Takeaway: Automation can hinder your ability to connect with others on the platform. If you’re going to automate Tweets, do it in addition to being active on the platform. Do not simply “push” out content. If you want to automate sharing articles, make sure you add context and then jump into the discussion after the automated Tweet is sent.
Don’t be on Twitter if your audience isn’t there.
This one seems obvious, but many brands trying to succeed on Twitter are there because they think they’re “supposed to be.”
Steve is resolute on this point: “find out where your audience actually is.” And go there.
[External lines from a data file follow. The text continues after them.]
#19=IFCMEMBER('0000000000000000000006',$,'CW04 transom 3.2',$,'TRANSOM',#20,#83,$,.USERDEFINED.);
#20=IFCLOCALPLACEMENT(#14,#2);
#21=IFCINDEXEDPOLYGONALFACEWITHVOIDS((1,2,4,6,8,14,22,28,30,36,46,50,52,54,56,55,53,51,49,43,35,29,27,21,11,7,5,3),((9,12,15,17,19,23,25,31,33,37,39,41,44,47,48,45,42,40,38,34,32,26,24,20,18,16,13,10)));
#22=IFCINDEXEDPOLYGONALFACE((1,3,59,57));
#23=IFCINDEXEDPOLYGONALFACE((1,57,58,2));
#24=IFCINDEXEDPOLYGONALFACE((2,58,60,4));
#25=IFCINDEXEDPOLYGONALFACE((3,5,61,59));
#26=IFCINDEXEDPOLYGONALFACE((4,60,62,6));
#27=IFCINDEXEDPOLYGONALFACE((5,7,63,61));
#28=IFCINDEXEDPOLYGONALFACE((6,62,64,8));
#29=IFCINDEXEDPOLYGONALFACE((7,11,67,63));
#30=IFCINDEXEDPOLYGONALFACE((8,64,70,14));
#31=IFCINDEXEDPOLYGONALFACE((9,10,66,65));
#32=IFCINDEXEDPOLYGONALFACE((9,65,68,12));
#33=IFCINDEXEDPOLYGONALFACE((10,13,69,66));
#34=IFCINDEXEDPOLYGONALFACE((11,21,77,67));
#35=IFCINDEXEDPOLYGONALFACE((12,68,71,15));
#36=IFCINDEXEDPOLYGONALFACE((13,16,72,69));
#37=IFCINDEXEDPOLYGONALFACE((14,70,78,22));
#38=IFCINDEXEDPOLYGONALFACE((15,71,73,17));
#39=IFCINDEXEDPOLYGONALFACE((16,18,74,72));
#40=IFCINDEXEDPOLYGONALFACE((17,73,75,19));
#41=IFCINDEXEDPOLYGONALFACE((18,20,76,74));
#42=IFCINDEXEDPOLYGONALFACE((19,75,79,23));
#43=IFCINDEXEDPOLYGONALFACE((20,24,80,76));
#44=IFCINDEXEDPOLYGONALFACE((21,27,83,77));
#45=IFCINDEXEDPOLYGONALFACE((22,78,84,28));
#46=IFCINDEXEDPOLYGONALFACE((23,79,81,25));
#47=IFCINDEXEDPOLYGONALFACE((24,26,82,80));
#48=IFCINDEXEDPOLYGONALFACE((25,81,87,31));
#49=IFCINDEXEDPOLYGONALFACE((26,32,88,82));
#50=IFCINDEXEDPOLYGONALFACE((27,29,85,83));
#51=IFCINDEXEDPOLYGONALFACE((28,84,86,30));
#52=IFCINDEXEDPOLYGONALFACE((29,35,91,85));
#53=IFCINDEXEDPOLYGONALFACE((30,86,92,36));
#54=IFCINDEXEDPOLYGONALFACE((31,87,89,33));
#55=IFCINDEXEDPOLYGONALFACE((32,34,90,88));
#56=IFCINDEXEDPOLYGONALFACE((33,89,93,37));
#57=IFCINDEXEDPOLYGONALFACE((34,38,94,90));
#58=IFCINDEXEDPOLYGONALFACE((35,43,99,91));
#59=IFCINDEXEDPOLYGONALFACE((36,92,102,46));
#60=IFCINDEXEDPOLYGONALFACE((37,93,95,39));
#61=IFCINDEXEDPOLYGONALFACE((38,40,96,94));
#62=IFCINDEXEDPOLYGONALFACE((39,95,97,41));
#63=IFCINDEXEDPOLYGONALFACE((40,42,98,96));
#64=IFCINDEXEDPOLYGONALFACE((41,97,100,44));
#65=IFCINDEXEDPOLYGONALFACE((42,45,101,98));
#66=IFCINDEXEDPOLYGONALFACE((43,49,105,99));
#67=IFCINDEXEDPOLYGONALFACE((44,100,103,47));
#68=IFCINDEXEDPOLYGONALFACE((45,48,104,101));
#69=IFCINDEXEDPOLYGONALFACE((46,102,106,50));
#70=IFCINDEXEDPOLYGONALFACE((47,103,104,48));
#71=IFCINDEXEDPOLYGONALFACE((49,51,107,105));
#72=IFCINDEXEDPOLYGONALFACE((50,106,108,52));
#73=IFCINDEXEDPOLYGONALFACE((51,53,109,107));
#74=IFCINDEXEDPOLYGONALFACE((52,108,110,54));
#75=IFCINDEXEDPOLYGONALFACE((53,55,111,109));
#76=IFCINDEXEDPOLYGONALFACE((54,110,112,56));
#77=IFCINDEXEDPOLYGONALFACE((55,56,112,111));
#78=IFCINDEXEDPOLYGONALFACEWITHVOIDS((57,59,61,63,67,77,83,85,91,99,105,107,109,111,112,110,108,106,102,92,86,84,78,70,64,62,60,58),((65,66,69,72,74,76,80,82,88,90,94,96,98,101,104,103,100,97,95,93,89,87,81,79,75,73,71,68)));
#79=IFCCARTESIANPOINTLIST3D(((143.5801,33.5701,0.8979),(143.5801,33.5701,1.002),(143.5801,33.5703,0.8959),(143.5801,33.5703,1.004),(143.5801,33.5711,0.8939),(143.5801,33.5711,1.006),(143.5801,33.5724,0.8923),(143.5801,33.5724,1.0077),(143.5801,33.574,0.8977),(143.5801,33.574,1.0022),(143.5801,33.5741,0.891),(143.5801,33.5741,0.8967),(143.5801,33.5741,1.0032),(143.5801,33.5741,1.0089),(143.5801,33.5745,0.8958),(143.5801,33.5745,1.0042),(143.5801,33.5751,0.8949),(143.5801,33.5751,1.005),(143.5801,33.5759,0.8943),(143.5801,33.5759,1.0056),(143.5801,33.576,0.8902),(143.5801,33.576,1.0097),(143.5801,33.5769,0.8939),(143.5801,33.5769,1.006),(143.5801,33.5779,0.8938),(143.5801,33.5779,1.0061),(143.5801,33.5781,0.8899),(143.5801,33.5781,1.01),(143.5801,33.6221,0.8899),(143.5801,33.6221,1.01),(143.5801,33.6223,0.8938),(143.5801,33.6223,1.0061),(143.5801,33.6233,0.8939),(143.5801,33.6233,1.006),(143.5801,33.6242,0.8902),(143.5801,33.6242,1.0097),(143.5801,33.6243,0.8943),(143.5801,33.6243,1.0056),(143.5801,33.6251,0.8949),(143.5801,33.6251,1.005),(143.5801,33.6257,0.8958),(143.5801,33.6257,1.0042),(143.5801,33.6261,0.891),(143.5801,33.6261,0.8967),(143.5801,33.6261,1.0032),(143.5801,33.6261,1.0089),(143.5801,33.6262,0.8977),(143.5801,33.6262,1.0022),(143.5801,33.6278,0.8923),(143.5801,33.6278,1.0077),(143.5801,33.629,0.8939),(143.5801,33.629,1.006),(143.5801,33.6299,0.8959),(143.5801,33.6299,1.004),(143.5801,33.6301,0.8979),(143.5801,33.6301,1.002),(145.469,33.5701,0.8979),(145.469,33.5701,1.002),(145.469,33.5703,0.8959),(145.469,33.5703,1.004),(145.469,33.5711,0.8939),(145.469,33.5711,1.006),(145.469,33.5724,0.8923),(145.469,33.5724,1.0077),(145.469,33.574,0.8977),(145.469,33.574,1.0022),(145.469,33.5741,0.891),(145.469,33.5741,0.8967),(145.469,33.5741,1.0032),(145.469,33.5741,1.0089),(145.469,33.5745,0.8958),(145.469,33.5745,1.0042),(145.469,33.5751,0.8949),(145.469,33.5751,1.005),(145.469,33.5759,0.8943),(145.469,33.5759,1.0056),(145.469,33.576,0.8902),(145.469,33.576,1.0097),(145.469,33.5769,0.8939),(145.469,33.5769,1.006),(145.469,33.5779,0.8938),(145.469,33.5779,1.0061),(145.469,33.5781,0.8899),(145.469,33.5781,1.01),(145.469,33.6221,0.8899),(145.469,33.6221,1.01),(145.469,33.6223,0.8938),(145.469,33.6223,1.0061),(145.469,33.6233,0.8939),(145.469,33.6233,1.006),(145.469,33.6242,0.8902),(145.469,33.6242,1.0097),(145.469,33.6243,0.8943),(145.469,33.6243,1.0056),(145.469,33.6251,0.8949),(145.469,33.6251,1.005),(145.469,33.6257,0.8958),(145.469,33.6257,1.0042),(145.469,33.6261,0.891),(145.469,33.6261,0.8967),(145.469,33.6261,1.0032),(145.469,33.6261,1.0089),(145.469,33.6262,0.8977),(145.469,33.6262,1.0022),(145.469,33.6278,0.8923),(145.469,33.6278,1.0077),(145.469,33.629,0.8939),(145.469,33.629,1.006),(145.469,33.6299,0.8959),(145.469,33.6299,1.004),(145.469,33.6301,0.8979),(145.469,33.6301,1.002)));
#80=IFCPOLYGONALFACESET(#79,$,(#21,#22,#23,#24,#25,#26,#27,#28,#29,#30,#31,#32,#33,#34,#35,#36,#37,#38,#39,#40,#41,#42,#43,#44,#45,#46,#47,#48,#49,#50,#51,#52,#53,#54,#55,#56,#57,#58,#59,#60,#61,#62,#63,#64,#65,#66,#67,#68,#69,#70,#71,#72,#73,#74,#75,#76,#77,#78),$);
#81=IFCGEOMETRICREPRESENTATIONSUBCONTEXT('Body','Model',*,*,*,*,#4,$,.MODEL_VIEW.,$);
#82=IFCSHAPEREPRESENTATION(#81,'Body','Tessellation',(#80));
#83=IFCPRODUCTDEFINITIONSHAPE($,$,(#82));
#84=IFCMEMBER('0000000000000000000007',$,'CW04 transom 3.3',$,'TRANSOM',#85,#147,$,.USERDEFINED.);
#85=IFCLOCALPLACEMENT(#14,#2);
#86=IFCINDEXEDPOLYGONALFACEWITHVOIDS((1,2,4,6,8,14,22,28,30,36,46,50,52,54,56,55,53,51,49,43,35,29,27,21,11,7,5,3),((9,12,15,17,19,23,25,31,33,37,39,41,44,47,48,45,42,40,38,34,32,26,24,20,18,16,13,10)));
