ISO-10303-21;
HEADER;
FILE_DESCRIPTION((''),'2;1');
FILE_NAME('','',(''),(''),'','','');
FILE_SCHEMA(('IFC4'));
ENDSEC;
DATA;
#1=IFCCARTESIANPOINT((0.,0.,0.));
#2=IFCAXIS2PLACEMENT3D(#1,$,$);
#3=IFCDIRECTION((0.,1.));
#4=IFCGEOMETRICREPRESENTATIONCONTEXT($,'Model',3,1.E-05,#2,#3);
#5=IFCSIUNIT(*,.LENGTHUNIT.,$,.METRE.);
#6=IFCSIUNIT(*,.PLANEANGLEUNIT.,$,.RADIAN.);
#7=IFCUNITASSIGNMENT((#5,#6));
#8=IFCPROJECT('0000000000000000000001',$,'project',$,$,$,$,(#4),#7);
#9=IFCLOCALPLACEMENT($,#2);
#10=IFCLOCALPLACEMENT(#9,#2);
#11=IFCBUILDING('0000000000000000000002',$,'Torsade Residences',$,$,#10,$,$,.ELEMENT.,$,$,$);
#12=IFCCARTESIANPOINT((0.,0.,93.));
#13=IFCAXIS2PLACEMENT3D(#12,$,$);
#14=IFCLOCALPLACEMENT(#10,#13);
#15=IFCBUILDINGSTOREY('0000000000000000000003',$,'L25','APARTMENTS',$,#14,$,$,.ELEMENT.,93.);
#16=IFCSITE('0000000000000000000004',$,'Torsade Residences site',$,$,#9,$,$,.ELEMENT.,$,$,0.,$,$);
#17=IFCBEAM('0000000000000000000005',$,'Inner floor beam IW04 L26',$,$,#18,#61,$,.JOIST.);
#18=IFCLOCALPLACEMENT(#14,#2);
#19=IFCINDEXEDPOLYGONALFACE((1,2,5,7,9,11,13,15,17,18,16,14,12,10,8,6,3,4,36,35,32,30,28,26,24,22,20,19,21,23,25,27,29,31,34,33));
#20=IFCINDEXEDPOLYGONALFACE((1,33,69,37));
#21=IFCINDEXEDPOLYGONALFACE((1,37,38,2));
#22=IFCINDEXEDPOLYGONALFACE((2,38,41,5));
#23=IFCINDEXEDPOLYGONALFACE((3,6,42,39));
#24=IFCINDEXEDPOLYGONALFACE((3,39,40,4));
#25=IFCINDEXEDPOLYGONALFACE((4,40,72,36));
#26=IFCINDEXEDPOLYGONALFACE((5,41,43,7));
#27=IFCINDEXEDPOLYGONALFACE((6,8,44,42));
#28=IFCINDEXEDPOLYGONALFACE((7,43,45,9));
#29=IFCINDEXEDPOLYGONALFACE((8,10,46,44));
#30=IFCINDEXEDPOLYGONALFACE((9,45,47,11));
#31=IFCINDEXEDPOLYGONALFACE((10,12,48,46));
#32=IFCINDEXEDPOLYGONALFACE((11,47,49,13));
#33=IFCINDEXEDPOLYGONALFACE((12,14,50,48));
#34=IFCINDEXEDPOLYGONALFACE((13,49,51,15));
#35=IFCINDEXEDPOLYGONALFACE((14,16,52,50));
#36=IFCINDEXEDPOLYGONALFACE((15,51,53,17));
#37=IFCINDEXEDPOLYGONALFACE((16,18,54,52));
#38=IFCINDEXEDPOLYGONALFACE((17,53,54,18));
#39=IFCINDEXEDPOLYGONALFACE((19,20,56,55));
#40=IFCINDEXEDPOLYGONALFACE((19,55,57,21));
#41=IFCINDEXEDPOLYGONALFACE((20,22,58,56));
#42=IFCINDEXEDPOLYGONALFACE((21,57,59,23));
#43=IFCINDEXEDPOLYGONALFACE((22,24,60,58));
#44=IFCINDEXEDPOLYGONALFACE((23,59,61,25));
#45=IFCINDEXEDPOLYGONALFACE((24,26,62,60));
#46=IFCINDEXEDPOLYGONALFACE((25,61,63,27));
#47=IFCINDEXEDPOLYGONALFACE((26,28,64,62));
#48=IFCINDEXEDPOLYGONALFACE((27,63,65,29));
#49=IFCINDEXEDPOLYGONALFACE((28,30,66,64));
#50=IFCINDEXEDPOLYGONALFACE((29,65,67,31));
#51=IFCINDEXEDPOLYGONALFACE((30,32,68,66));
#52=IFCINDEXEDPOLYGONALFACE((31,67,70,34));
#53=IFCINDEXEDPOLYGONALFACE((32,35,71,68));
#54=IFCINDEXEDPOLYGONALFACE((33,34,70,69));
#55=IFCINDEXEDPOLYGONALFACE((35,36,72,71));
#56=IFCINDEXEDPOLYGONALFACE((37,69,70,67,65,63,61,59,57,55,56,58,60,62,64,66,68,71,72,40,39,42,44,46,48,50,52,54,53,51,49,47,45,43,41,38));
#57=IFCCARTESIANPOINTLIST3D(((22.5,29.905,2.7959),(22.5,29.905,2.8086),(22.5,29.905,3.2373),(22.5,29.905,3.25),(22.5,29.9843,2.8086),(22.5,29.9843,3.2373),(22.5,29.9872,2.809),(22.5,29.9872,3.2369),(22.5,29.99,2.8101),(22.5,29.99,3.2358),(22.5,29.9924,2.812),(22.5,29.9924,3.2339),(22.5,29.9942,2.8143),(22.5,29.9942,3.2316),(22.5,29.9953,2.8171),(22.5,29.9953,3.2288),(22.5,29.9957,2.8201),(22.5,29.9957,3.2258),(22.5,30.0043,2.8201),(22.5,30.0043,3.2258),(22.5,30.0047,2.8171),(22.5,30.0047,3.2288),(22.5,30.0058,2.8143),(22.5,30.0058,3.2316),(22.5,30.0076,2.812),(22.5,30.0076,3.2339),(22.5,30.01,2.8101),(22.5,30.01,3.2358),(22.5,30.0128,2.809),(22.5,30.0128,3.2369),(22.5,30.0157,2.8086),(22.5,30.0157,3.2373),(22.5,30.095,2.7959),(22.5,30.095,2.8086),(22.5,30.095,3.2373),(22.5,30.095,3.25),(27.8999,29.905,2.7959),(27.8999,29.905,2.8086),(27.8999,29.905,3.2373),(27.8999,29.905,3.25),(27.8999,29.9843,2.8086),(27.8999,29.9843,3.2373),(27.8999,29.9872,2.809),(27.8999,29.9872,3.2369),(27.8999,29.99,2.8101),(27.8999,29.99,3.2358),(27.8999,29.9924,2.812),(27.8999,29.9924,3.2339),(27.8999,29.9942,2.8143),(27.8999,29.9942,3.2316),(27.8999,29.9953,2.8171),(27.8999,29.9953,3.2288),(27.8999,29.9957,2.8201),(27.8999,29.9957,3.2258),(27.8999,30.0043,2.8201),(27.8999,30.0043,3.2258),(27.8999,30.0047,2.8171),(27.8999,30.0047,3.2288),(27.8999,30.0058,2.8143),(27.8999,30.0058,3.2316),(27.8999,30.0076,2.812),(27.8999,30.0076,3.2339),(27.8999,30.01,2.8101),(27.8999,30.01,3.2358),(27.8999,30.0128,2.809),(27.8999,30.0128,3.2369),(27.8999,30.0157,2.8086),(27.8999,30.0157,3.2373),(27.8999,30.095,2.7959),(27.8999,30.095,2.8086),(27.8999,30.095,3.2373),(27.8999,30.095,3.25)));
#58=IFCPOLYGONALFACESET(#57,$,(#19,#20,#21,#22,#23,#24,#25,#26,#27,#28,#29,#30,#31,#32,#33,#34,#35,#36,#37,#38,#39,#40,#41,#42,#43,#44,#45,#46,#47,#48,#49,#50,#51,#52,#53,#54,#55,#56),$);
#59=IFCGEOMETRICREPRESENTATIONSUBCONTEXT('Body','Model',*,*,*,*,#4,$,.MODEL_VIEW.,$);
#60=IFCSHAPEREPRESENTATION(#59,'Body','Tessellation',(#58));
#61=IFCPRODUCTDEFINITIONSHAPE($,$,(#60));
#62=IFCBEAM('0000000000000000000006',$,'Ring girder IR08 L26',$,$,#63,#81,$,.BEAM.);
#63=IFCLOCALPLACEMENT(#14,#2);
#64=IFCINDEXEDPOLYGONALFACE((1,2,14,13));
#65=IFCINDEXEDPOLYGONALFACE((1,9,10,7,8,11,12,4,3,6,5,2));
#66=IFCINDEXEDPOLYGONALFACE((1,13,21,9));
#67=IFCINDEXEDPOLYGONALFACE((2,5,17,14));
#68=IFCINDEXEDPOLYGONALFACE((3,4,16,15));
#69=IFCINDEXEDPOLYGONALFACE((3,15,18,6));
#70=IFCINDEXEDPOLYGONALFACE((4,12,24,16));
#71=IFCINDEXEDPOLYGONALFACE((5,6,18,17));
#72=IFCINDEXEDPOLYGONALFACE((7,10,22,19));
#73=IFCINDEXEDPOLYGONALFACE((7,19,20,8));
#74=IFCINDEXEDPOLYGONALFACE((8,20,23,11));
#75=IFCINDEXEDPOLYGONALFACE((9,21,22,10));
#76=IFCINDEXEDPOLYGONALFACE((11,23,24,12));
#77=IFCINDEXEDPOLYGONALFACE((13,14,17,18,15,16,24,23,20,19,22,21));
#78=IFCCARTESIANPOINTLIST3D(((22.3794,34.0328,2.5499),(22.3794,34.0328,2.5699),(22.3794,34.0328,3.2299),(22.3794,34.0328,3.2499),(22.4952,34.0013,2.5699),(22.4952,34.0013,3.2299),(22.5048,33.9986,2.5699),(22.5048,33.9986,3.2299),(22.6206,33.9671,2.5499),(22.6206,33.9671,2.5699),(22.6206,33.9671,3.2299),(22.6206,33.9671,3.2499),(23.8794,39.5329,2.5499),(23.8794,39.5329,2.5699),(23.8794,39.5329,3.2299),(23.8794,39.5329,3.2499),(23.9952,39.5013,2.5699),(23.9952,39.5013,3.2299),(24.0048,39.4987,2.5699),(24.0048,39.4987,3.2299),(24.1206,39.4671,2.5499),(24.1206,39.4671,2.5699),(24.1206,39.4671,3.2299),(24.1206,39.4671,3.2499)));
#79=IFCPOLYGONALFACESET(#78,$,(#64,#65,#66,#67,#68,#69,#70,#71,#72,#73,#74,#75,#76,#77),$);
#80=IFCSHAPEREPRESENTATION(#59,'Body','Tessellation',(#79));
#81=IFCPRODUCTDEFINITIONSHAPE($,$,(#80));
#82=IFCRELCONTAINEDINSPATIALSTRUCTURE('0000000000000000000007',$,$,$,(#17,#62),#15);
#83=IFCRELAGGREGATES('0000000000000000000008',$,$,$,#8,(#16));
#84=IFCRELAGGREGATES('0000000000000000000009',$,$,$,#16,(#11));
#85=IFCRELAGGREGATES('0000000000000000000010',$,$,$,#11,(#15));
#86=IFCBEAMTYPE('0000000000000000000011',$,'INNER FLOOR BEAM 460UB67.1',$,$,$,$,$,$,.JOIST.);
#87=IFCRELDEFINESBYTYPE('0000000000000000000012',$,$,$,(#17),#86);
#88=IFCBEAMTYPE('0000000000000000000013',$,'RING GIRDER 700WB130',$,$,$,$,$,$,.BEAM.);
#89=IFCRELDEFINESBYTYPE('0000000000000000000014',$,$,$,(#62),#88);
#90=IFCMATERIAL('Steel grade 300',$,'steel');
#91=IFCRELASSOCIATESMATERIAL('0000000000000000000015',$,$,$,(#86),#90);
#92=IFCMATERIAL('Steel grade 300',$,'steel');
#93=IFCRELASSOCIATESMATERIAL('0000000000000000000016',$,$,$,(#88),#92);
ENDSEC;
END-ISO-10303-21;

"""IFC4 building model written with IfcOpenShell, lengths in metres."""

from ifc_helpers import new_model, si_unit, direction, frame, origin, origin_2d, place, context, subcontext, project, spatial, i_section, extrude, material, material_profile, profile_set, type_object, element, save


model = new_model("IFC4")

# Units and contexts
model_context = context("Model", 3, precision=1e-05, world=origin(), true_north=direction((0.0, 1.0)))
body_context = subcontext(model_context, "Body", "Model", "MODEL_VIEW")
ifc_project = project(units=[si_unit("LENGTHUNIT", "METRE"), si_unit("PLANEANGLEUNIT", "RADIAN")], contexts=[model_context])

# Site, building, storey
site_placement = place(None, origin())
site = spatial("IfcSite", under=ifc_project, at=site_placement, Name="Torsade Residences site", CompositionType="ELEMENT", RefElevation=0.0)
building_placement = place(site_placement, origin())
building = spatial("IfcBuilding", under=site, at=building_placement, Name="Torsade Residences", CompositionType="ELEMENT")
storey_placement = place(building_placement, frame((0.0, 0.0, 93.0)))
storey = spatial("IfcBuildingStorey", under=building, at=storey_placement, Name="L25", Description="APARTMENTS", CompositionType="ELEMENT", Elevation=93.0)

# Beams
ifc_material_1 = material(Name="Steel grade 300", Category="steel")
ifc_material_profile_1 = material_profile(ifc_material_1, i_section(OverallWidth=0.1899, OverallDepth=0.4541, WebThickness=0.0085, FlangeThickness=0.0127, FilletRadius=0.0115, at=origin_2d()), Name="460UB67.1")
ifc_profile_set_1 = profile_set([ifc_material_profile_1], Name="Steel grade 300")
beam_type_1 = type_object("IfcBeamType", Name="INNER FLOOR BEAM 460UB67.1", PredefinedType="JOIST", material=ifc_profile_set_1)
for number, where, z_axis, x_axis, name in (
    (1, (27.8999, 30.0, 3.0229), (-1.0, 0.0, 0.0), (0.0, -1.0, 0.0), "Inner floor beam IW04 L26"),
):
    element("IfcBeam", number, at=place(storey_placement, frame(where, z_axis=z_axis, x_axis=x_axis)), inside=storey, type_object=beam_type_1, Name=name, PredefinedType="JOIST", context=body_context, shape_type="SweptSolid", body=[
        extrude(i_section(OverallWidth=0.1899, OverallDepth=0.4541, WebThickness=0.0085, FlangeThickness=0.0127, FilletRadius=0.0115, at=origin_2d()), origin(), (0.0, 0.0, 1.0), 5.3999),
    ])
ifc_material_2 = material(Name="Steel grade 300", Category="steel")
ifc_material_profile_2 = material_profile(ifc_material_2, i_section(OverallWidth=0.25, OverallDepth=0.7, WebThickness=0.01, FlangeThickness=0.02, at=origin_2d()), Name="700WB130")
ifc_profile_set_2 = profile_set([ifc_material_profile_2], Name="Steel grade 300")
beam_type_2 = type_object("IfcBeamType", Name="RING GIRDER 700WB130", PredefinedType="BEAM", material=ifc_profile_set_2)
beam_1_placement = place(storey_placement, frame((24.0, 39.5, 2.8999), z_axis=(-0.263117, -0.964764, 0.0), x_axis=(0.964764, -0.263117, 0.0)))
element("IfcBeam", 2, at=beam_1_placement, inside=storey, type_object=beam_type_2, Name="Ring girder IR08 L26", PredefinedType="BEAM", context=body_context, shape_type="SweptSolid", body=[
    extrude(i_section(OverallWidth=0.25, OverallDepth=0.7, WebThickness=0.01, FlangeThickness=0.02, at=origin_2d()), origin(), (0.0, 0.0, 1.0), 5.7009),
])

save(model, "model.ifc")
For Mars, they’re on Twitter. He’s been able to build personal brand awareness precisely because he stays in contact with fans who want to know more about his works-in-progress and upcoming releases. “This works especially well if you want to get reviews on Goodreads and Amazon, as fans who interact with you are more likely to post about your work.”
Keeping in constant contact with people takes time and effort. That’s the part people don’t want to do, but where the biggest payoffs are found. When Bud launched his podcast in 2014, 14 of his 30 episodes featured contacts (including big industry names) he’d met or connected with through Twitter.
Takeaway: Twitter doesn’t work if your audience isn’t on Twitter.
Twitter is an investment.
The professional value of Twitter is in those relationships you can’t purchase or scale. Bud says you “might not have ROI until two years in the future.” It’s like any relationship, “You’re planting the seeds.”
So far, the investment is paying off for Bud, Steven, Pippa, and Mars. At the very least, they’re all now in Inc.